Emergency call handlers will be in charge of a new triage process, but officials said risk assessments could be updated in response to events on the ground. Each regional force must individually agree a “bespoke implementation plan” with local agencies before introducing the model.
It is based on processes developed by Humberside Police in 2019, and similar initiatives have been implemented in Hampshire, Lancashire, South Yorkshire and North Yorkshire.
The Metropolitan Police has been forced to row back on an announcement it would withdraw responses to mental health-related calls by 31 August, following a warning from NHS leaders.
A letter seen by The Independent said the change would be implemented over two to three years instead, and primarily focus on specific areas including welfare checks, people absconding from healthcare facilities, patient transport and handovers of people sectioned under the Mental Health Act.
Caroline Clarke, the NHS director for London, said Sir Mark Rowley’s announcement had caused “anxiety and uncertainty across the health and care system”, and that NHS community health teams was already dealing with rocketing crisis referrals.
But Mr Philp, the policing minister, said the government had “listened to the concerns raised by police leaders about the pressures that mental health issues are placing on policing, which takes officers’ time away from preventing and investigating crime”.
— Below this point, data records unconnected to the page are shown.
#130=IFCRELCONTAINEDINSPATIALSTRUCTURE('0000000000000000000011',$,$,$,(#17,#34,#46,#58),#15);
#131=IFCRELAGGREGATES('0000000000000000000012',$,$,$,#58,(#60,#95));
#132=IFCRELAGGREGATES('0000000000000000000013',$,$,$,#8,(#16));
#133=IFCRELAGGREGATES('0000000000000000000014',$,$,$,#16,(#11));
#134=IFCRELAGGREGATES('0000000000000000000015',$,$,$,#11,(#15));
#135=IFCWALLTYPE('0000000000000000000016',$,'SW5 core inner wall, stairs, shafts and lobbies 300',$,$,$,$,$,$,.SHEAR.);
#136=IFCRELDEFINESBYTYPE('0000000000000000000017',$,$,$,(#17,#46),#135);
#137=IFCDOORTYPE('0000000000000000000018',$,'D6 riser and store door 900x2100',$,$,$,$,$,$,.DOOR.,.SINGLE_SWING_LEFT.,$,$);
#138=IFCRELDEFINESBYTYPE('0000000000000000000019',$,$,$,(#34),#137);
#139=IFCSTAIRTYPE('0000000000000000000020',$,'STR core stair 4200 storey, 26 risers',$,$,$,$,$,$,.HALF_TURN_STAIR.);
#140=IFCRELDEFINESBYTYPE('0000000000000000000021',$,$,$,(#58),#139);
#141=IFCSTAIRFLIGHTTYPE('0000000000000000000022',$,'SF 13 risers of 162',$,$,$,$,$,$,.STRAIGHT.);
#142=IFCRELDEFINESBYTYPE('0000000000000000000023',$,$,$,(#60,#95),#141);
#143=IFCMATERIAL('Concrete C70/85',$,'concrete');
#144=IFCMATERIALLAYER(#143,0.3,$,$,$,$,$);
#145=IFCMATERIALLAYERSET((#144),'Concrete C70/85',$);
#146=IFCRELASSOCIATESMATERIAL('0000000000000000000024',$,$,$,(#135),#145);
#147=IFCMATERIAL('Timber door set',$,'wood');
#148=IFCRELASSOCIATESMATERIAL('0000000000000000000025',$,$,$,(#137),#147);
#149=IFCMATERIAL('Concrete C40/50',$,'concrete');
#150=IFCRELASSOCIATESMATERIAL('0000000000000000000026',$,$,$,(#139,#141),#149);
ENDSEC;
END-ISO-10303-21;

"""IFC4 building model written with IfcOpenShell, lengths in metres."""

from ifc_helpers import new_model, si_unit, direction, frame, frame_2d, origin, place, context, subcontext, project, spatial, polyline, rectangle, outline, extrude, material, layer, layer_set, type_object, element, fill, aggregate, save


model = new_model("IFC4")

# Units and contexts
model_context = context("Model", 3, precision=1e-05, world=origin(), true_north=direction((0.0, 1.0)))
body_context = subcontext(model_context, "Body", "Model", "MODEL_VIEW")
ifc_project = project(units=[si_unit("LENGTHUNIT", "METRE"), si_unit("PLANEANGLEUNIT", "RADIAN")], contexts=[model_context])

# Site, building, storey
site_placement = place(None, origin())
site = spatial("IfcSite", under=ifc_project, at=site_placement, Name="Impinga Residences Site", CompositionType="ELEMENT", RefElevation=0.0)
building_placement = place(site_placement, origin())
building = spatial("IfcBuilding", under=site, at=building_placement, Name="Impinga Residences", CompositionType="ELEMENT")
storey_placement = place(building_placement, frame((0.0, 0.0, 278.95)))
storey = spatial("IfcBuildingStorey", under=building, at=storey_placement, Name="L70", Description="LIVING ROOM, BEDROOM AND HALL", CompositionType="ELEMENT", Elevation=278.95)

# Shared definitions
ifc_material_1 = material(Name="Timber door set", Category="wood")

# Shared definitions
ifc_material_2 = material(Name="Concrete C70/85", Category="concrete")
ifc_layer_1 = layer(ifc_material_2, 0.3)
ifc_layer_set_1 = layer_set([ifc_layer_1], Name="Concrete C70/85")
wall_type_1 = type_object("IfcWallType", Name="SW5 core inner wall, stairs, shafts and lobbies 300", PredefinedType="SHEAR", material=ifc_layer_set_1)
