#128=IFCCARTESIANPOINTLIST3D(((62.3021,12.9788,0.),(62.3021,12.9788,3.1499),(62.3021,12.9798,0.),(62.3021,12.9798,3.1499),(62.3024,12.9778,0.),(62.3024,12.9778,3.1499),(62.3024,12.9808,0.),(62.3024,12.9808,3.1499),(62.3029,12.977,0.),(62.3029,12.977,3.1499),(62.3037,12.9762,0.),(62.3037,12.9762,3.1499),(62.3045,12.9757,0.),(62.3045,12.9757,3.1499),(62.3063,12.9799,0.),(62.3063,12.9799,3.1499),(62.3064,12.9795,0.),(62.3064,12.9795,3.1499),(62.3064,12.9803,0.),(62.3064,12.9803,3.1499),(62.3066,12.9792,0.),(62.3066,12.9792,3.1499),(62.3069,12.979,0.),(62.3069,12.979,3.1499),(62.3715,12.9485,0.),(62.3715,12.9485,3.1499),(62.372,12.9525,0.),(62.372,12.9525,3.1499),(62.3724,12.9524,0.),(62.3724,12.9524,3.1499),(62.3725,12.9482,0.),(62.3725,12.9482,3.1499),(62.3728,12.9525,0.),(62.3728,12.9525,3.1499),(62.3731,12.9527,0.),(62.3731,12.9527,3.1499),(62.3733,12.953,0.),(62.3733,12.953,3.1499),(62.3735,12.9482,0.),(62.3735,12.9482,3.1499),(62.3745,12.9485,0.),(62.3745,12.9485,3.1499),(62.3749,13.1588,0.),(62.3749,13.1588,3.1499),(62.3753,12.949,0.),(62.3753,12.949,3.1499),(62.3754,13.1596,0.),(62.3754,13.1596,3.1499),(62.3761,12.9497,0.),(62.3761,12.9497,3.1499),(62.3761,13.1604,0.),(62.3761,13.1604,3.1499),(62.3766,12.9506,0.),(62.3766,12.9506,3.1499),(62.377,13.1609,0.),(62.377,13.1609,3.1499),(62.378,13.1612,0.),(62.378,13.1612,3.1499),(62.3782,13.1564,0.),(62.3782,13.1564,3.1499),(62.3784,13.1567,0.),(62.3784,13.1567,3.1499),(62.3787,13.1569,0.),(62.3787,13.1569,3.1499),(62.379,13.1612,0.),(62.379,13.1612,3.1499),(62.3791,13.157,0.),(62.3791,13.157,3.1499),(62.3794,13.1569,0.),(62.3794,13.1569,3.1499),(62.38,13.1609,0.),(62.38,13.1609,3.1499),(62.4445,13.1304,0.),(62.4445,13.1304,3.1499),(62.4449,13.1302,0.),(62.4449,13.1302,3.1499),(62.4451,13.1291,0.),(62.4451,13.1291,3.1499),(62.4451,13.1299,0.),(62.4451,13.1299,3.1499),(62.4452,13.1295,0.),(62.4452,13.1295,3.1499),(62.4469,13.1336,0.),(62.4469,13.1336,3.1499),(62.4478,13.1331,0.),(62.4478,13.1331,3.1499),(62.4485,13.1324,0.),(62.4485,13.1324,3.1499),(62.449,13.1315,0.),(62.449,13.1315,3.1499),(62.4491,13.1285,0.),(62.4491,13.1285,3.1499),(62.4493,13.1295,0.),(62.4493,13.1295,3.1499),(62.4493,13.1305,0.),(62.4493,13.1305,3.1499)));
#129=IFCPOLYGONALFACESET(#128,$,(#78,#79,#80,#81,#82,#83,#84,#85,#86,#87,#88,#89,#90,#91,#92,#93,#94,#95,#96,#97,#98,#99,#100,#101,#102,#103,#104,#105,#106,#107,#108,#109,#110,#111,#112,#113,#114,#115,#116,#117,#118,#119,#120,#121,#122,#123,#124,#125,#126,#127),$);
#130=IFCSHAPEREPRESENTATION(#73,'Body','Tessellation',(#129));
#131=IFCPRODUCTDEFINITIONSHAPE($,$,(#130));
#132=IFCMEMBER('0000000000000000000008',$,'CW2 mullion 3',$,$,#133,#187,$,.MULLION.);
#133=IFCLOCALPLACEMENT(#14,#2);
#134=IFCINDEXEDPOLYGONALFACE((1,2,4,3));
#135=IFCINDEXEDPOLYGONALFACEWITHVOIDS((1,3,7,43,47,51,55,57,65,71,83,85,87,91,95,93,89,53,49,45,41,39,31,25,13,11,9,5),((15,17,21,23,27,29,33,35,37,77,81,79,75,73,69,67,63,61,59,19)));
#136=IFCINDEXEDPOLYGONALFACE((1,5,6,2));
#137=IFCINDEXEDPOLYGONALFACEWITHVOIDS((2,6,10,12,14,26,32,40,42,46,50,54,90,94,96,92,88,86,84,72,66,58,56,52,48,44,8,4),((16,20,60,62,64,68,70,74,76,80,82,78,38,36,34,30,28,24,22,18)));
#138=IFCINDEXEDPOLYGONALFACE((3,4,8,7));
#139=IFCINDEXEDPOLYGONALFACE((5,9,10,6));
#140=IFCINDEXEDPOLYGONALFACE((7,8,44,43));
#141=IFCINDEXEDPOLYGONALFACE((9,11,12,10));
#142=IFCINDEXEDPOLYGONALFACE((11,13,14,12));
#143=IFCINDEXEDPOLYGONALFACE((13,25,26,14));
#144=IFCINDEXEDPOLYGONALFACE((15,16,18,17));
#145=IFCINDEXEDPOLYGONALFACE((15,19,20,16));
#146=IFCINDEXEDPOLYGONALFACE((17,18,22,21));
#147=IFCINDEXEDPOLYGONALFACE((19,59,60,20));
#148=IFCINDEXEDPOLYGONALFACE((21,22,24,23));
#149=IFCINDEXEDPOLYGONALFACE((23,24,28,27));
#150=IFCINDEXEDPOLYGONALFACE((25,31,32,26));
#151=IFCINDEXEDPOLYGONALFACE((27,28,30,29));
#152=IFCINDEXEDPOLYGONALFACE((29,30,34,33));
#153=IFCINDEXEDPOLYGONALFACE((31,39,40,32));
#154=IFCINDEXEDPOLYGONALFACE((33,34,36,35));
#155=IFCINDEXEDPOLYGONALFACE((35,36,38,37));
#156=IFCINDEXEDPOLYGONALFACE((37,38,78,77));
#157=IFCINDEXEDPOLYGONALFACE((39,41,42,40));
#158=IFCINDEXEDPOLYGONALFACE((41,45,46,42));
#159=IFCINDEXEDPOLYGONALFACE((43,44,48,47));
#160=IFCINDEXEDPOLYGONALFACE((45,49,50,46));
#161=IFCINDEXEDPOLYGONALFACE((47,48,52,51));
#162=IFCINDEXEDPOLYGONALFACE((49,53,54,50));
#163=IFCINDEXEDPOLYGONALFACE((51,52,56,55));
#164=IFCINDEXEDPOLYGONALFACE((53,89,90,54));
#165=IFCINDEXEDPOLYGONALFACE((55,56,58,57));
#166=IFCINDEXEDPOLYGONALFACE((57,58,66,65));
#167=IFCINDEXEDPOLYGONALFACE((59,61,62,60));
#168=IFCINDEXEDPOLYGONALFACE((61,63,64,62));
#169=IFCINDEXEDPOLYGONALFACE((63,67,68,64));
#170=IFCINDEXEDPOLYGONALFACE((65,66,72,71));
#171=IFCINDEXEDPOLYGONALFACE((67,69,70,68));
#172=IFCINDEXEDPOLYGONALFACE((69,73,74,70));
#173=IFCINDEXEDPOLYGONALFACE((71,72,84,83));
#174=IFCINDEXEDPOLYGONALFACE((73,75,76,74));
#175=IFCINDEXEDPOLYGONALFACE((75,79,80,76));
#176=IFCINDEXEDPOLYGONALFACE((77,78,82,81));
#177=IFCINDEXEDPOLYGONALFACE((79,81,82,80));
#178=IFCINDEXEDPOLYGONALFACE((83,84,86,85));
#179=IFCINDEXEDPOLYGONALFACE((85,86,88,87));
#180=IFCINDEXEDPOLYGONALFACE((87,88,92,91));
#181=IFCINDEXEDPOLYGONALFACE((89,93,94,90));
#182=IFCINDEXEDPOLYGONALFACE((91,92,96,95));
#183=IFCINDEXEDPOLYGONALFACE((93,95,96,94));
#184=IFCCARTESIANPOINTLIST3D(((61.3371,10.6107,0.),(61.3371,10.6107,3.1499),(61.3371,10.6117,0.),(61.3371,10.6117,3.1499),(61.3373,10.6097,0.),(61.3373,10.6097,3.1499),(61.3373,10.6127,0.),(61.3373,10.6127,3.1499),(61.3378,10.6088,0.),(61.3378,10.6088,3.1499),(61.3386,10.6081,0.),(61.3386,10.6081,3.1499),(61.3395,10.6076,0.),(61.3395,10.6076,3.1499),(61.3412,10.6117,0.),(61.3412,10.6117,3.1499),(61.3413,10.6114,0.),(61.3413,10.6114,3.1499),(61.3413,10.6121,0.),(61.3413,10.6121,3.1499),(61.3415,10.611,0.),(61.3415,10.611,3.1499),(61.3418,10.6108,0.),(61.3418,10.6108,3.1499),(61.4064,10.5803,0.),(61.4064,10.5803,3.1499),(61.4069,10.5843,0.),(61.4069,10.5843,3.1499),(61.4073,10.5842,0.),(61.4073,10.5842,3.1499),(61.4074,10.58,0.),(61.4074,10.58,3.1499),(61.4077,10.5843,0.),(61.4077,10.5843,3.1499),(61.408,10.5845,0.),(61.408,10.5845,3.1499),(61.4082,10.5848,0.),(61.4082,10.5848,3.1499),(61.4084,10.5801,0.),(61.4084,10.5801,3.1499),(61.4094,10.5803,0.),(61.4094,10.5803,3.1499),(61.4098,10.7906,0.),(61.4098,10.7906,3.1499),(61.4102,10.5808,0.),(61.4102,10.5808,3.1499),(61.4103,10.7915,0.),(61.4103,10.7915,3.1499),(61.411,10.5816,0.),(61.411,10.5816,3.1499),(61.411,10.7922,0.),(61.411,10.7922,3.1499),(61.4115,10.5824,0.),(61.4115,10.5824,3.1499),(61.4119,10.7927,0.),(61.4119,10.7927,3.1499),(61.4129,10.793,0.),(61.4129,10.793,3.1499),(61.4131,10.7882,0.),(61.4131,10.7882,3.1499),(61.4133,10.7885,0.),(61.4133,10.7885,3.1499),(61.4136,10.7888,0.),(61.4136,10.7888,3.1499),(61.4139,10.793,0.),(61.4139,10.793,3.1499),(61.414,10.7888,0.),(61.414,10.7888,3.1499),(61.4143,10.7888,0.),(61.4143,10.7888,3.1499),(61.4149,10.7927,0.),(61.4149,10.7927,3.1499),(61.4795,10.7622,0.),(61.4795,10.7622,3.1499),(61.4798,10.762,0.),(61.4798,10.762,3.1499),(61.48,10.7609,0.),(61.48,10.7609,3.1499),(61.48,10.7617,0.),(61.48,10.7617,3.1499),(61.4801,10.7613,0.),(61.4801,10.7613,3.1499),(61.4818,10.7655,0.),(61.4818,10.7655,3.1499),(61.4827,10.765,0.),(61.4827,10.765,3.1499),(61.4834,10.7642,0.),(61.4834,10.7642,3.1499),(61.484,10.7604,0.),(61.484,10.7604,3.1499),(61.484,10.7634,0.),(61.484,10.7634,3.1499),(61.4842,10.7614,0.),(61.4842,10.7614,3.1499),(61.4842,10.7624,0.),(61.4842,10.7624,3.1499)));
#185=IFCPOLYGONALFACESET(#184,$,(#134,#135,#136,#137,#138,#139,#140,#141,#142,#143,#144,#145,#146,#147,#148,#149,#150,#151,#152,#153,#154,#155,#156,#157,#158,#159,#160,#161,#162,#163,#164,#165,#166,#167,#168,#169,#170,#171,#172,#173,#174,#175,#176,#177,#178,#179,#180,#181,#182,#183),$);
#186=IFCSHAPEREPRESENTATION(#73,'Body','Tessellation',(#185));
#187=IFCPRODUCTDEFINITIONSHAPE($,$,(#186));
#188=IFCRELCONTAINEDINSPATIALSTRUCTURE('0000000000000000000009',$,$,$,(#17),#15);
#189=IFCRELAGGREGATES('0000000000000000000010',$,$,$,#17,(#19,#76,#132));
Health minister Maria Caulfield, said the agreement would “ensure the most appropriate health care is provided as quickly as possible”.
“We’re going further and faster to transform our mental health services, with £2.3bn extra funding a year by March 2024 so two million more people can get the support they need – and £150m to build new and improved mental health urgent and emergency care services,” she added.
Work is also underway to provide 24/7 mental health crisis phone lines, and increase the number of specialist staff nationally.